女性の表現型を有する女性の核型におけるY染色体の決定は、性腺の腫瘍退化を防止するために性腺の両側の除去のための絶対的な指標である。

遅延性思春期の非薬物治療

遅れた思春期の中心的かつ憲法的な形を持つ少女たち - 仕事と休養体制への服従、身体活動の矯正、適切な栄養の維持と基本的な身体疾患の補償。

遅れた思春期の薬物療法

思春期に憲法上の遅れがある女児のビタミン - ミネラル複合体およびアダプトゲンの有効性に関する信頼できるデータはありません。DiPrの検査後、そのような子供の思春期の活性化が注目された。思春期の憲法上の遅れを持つ少女は、ホルモン補充療法のために一定の逐次レジームで性ホルモンを含む薬物で3-4ヶ月の治療コースを実施することができます。

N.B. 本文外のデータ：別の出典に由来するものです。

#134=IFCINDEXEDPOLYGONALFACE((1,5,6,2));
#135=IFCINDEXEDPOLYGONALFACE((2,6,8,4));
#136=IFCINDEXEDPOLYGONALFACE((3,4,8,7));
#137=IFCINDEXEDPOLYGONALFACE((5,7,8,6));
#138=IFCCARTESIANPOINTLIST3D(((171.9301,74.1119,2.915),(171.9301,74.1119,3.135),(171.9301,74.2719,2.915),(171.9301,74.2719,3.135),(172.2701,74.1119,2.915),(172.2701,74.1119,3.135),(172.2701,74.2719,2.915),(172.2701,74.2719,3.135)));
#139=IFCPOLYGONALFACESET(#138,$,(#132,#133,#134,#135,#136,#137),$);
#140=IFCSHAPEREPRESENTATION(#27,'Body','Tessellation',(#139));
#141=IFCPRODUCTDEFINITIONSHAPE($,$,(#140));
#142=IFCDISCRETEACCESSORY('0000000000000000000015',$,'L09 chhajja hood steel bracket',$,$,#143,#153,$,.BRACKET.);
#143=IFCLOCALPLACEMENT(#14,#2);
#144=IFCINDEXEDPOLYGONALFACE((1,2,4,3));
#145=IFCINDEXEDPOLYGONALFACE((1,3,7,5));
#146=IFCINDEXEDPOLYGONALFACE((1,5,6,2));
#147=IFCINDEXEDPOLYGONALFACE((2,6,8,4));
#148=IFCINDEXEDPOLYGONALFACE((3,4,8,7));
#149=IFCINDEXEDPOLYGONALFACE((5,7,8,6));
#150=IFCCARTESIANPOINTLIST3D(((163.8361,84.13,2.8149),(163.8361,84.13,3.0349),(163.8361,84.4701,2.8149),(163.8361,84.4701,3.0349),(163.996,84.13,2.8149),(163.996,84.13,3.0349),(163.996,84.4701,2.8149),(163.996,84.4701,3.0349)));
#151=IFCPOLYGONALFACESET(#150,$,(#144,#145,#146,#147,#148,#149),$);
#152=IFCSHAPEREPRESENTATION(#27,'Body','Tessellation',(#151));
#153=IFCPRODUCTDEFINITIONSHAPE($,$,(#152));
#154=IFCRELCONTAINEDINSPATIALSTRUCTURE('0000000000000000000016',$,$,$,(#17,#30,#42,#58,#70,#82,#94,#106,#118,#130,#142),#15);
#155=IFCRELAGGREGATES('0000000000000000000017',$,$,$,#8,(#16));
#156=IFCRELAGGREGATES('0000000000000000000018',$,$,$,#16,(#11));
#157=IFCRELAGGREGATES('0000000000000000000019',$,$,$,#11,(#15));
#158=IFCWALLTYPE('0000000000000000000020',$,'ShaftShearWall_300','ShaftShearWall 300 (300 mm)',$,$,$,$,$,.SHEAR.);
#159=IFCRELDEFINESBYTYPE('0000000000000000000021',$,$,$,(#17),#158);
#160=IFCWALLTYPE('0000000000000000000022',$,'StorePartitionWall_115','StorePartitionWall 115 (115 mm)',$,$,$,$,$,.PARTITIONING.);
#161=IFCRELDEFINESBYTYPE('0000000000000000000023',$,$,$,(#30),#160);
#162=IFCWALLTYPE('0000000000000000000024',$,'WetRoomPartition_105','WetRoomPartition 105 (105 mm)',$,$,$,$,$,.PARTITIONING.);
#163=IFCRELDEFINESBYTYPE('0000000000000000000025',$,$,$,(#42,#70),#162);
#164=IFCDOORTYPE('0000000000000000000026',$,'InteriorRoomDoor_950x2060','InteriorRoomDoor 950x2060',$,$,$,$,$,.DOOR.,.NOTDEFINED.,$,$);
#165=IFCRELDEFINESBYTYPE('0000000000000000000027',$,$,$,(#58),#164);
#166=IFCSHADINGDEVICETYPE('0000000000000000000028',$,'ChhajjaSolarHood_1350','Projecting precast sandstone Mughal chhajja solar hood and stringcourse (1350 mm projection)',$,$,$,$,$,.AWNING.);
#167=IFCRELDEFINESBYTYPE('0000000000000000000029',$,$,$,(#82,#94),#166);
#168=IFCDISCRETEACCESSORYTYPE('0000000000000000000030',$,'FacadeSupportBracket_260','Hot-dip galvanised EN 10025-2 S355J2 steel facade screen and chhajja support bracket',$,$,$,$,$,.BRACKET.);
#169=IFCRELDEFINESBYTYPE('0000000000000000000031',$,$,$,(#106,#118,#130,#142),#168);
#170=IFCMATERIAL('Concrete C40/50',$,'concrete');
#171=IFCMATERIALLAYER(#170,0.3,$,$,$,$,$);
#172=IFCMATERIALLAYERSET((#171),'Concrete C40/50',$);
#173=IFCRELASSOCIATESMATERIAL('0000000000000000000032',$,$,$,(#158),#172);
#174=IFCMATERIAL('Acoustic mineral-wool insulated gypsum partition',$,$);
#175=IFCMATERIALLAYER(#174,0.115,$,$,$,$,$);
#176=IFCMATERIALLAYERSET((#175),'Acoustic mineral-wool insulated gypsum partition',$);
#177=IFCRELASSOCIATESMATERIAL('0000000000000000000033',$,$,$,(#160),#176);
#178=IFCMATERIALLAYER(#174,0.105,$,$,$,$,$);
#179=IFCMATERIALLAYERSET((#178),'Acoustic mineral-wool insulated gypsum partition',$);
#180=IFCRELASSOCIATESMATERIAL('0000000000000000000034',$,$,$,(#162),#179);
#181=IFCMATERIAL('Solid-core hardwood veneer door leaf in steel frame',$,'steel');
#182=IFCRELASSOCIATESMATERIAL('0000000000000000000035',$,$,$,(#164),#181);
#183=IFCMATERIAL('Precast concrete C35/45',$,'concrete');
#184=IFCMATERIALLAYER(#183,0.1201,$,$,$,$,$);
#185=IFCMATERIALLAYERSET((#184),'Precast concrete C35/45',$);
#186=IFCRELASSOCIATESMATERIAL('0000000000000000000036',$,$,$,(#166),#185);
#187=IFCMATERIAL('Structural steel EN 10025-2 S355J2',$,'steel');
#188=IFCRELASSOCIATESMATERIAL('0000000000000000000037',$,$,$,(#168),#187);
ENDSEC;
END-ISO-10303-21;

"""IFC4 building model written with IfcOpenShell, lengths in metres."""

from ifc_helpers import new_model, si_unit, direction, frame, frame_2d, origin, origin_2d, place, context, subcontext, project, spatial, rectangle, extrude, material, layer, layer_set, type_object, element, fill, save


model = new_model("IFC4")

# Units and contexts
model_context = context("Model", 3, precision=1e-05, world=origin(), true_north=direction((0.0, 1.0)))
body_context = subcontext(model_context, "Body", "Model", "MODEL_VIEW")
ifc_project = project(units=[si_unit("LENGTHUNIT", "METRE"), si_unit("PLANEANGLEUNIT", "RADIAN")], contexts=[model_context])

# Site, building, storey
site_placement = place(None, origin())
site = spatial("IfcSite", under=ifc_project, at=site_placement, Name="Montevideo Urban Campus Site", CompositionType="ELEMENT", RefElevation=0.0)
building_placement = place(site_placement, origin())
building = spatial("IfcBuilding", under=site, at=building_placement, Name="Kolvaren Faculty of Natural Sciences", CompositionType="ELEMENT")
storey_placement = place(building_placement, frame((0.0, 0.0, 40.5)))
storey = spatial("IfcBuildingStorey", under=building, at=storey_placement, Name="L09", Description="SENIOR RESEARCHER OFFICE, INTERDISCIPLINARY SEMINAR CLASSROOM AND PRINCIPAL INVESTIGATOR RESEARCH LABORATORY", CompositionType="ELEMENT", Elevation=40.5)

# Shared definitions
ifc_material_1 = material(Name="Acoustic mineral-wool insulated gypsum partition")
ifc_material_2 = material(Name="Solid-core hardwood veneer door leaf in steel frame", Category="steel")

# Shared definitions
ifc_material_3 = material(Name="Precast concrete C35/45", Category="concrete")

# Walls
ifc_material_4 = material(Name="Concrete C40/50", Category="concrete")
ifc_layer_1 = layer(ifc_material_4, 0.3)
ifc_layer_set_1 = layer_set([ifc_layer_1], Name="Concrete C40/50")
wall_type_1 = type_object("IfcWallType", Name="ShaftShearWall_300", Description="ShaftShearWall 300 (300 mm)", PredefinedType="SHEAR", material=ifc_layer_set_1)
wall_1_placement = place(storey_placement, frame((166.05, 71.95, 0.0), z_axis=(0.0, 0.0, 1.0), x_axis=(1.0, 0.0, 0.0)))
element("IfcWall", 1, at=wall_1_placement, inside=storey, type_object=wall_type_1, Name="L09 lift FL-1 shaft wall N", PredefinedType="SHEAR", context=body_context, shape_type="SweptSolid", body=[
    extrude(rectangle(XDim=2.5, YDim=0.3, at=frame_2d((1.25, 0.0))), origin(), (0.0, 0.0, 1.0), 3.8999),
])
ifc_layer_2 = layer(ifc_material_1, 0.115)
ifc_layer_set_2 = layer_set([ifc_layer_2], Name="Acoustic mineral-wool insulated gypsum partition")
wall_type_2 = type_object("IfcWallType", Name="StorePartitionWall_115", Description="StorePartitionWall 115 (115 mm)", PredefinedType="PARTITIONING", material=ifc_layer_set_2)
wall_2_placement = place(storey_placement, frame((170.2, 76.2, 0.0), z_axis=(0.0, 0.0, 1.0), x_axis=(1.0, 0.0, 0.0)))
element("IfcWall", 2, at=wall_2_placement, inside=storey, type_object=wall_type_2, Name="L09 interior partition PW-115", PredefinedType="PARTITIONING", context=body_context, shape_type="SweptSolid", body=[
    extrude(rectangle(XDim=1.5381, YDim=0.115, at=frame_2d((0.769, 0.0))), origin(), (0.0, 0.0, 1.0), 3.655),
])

非ホルモン療法として、性腺刺激ホルモン非依存性無月経症の患者は、個々に選択した抗ホモ毒性薬物または中枢神経系の機能を改善する薬物からなる複合体を推奨する。治療の経過は少なくとも6ヶ月でなければならない。さらなる戦略の選択は、生殖腺刺激ホルモン、エストラジオール、テストステロンの内容および子宮のサイズおよび卵胞濾胞装置の状態のモニタリングに関するデータのダイナミクスに基づくべきである。

毎日のエストロゲン療法ゲルに示す目的初期estrogenizatsii体の中で遅延思春期性腺発育障害のhypergonadotrophic形態を有する患者(Divigel、estrozhelら)、錠剤(proginova 1-2 mg /日、estrofem 2 mg /日とら。)またはパッチの形態(CLIMAR、estrodermら)又は毎日の結合型エストロゲン錠剤(プレマリン0.625 mg /日ら。)。毎日のエチニルエストラジオール錠剤(mikrofollin 25 mg /日)の適用は、現在による乳腺および子宮の有害な又は不十分な発展の可能性に限定されます。46.XY核型および性腺発育不全の患者では、エストロゲン薬ホルモン補充療法を受けている患者への性的腺の悪性変性のリスクが高いに二国間gonad-とtubektomii後に厳格でなければなりません。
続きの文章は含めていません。